Клэр Гастинг медленно выпила текилу с замороженными кубиками сливок и поставила бокал на стойку. Она выполнила это действие столь психологически-выверенными жестами, что когда бокал стукнул донышком о дерево стойки, в холле наступила тишина. Ученые смотрели в ее сторону и ждали, что она скажет.
— Мы учли момент с Фаэтоном, — голос Клэр был наполнен интонациями повелевающей королевы, — и поэтому «Хазар» будет стартовать в три рывка, с околоземной орбиты, а не с Луны, как предполагалось с самого начала.

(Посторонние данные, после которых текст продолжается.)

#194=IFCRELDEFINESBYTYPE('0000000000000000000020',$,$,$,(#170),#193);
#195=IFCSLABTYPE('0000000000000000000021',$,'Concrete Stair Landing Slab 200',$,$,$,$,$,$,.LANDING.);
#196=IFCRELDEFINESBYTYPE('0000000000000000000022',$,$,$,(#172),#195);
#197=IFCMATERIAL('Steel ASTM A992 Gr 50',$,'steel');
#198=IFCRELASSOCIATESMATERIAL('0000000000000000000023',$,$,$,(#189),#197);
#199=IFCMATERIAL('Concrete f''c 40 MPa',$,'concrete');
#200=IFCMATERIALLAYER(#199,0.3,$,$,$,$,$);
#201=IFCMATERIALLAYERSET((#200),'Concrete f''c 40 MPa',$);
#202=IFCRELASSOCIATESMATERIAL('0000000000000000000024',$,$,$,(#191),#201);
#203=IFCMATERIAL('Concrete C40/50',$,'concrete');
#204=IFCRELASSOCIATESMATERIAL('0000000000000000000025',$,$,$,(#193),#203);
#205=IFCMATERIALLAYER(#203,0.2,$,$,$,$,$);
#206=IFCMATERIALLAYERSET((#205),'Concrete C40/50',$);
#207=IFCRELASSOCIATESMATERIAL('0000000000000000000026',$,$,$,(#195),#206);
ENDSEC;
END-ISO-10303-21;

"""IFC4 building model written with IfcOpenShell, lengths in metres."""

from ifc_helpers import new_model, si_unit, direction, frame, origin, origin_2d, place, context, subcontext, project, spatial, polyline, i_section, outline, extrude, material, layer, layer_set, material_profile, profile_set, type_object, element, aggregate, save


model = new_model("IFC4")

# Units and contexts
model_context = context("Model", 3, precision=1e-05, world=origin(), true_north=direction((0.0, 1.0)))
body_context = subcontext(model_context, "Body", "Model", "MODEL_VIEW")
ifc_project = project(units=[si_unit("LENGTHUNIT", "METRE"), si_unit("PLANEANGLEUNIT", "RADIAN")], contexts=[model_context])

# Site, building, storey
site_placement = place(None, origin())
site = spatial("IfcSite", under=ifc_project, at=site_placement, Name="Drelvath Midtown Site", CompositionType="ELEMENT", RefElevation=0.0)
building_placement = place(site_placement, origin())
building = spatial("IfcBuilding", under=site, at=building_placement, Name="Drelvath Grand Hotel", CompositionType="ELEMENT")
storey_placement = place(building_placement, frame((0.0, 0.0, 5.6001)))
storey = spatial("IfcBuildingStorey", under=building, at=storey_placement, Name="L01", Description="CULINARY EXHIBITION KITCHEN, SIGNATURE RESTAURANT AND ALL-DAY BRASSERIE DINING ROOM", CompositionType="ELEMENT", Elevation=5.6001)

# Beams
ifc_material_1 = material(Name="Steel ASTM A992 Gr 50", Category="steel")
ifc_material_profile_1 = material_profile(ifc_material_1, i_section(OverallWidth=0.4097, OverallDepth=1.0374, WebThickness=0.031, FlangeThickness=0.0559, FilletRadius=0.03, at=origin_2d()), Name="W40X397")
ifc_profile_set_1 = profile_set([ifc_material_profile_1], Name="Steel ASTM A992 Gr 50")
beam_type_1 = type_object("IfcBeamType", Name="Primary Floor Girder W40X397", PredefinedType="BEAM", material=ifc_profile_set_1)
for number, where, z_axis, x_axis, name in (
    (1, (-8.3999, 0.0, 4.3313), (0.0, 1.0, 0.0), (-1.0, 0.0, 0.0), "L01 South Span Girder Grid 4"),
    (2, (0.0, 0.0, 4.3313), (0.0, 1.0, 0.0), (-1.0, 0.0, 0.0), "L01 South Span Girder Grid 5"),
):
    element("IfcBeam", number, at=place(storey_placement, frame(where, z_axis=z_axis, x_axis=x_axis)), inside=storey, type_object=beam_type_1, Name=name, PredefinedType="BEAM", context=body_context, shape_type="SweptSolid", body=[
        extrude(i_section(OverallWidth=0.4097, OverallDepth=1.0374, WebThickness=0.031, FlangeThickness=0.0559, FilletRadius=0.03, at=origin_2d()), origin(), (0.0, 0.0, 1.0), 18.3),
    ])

— Учли момент с Фаэтоном? — неуверенно и слегка испуганно переспросил у Клэр Гастинг Джон Пул. — Вы хотите сказать, что МХС…

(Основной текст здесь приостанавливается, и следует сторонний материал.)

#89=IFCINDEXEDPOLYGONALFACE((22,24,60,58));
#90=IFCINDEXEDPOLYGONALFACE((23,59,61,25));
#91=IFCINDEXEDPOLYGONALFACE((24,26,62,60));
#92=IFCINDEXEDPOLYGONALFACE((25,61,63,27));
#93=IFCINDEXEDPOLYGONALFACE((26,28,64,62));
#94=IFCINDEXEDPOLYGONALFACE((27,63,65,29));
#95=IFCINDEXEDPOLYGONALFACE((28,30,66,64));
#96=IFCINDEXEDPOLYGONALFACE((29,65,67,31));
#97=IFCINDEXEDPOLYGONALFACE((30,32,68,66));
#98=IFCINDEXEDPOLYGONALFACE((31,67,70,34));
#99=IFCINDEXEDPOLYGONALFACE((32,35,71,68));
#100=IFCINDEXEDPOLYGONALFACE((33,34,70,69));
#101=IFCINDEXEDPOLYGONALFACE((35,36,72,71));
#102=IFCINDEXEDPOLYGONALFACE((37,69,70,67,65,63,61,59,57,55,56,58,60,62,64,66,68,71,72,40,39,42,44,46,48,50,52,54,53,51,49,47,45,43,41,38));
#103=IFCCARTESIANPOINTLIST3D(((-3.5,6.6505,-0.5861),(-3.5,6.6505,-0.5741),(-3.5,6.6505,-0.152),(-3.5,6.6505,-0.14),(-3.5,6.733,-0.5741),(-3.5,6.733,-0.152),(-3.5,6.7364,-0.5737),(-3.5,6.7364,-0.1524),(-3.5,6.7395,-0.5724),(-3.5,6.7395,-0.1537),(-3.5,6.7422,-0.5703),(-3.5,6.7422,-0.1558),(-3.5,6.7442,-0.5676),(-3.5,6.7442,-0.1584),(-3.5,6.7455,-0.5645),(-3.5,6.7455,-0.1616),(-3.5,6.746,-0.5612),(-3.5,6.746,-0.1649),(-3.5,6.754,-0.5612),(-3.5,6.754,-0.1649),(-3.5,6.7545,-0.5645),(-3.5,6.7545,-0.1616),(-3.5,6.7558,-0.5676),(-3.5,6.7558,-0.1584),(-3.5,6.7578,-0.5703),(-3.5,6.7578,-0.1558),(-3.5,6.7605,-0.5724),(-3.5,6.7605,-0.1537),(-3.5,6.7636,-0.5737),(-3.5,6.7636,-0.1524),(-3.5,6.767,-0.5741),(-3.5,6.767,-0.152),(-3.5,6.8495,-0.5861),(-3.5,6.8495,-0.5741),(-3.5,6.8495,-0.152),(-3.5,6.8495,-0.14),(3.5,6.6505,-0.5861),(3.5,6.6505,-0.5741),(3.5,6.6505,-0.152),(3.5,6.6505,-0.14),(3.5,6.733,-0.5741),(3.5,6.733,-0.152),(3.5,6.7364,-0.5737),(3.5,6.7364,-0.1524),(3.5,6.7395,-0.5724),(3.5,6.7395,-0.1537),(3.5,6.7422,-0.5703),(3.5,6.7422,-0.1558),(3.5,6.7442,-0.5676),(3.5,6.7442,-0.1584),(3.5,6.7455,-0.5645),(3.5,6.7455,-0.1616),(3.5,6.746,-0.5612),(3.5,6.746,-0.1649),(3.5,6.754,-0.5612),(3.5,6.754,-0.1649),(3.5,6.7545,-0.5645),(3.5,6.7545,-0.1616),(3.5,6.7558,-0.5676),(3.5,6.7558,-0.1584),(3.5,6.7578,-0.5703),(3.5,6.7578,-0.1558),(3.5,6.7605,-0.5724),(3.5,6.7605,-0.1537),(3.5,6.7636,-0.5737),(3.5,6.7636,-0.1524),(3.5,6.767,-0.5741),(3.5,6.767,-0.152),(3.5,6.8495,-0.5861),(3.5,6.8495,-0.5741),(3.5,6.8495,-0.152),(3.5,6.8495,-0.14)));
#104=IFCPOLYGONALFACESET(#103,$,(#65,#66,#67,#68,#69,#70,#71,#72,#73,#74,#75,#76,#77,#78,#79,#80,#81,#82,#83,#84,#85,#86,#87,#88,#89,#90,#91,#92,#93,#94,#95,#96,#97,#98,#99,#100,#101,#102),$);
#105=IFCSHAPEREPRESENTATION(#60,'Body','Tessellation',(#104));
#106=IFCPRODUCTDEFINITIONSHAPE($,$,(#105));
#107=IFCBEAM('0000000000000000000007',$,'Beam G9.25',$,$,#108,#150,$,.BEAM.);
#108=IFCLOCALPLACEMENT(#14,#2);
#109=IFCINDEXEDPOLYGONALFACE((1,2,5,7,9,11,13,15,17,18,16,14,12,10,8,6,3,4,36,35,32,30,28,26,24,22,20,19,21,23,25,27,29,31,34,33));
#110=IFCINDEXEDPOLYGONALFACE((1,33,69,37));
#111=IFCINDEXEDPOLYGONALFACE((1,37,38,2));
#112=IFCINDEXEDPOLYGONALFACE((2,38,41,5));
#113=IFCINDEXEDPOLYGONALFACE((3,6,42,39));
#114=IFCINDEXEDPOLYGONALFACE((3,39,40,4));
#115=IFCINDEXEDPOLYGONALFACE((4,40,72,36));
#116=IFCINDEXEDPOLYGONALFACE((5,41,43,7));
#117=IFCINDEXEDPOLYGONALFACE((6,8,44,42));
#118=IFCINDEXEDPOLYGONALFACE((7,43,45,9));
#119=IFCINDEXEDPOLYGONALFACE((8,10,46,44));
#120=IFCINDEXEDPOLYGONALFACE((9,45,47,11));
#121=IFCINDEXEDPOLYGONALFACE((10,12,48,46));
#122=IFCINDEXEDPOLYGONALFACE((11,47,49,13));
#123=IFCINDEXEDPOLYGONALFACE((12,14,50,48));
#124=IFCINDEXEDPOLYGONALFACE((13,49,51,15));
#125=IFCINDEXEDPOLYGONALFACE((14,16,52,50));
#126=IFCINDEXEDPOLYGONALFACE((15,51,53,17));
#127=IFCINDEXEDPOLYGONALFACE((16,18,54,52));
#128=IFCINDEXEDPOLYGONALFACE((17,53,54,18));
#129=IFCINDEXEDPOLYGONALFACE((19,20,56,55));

— О, Боже мой, — не дал ему закончить фразу чей-то громкий и возмущенный голос со стороны лифта. — Все куда-то спешат, никто не видит никакого покоя, всем нужен Юпитер, на худой конец, Марс, или хотя бы миллион долларов на безбедную старость. А я вот хочу у всех спросить, — к стойке подошел человек маленького роста, в шляпе и лапсердаке из дорогого шевиота, похожий на Луи де Фюнеса в минуты благодушия, — если все хотят на Юпитер или хотя бы немного денег на жизнь, и если из всей этой затеи ничего не получится, то при чем тут евреи? Если все летят в космос, то почему арабы до сих пор нападают на маленький, никому не мешающий Израиль? Мне еще покойный дядя говорил, а он был лучшим дирижером в Одессе, что если ты не можешь из ругани торговок на Привозе извлечь ноты для красивой музыки, тогда сиди в Одессе и не вздумай никуда уплывать на белом теплоходе. Я-таки уплыл из Одессы. Что вы на это скажете, господа?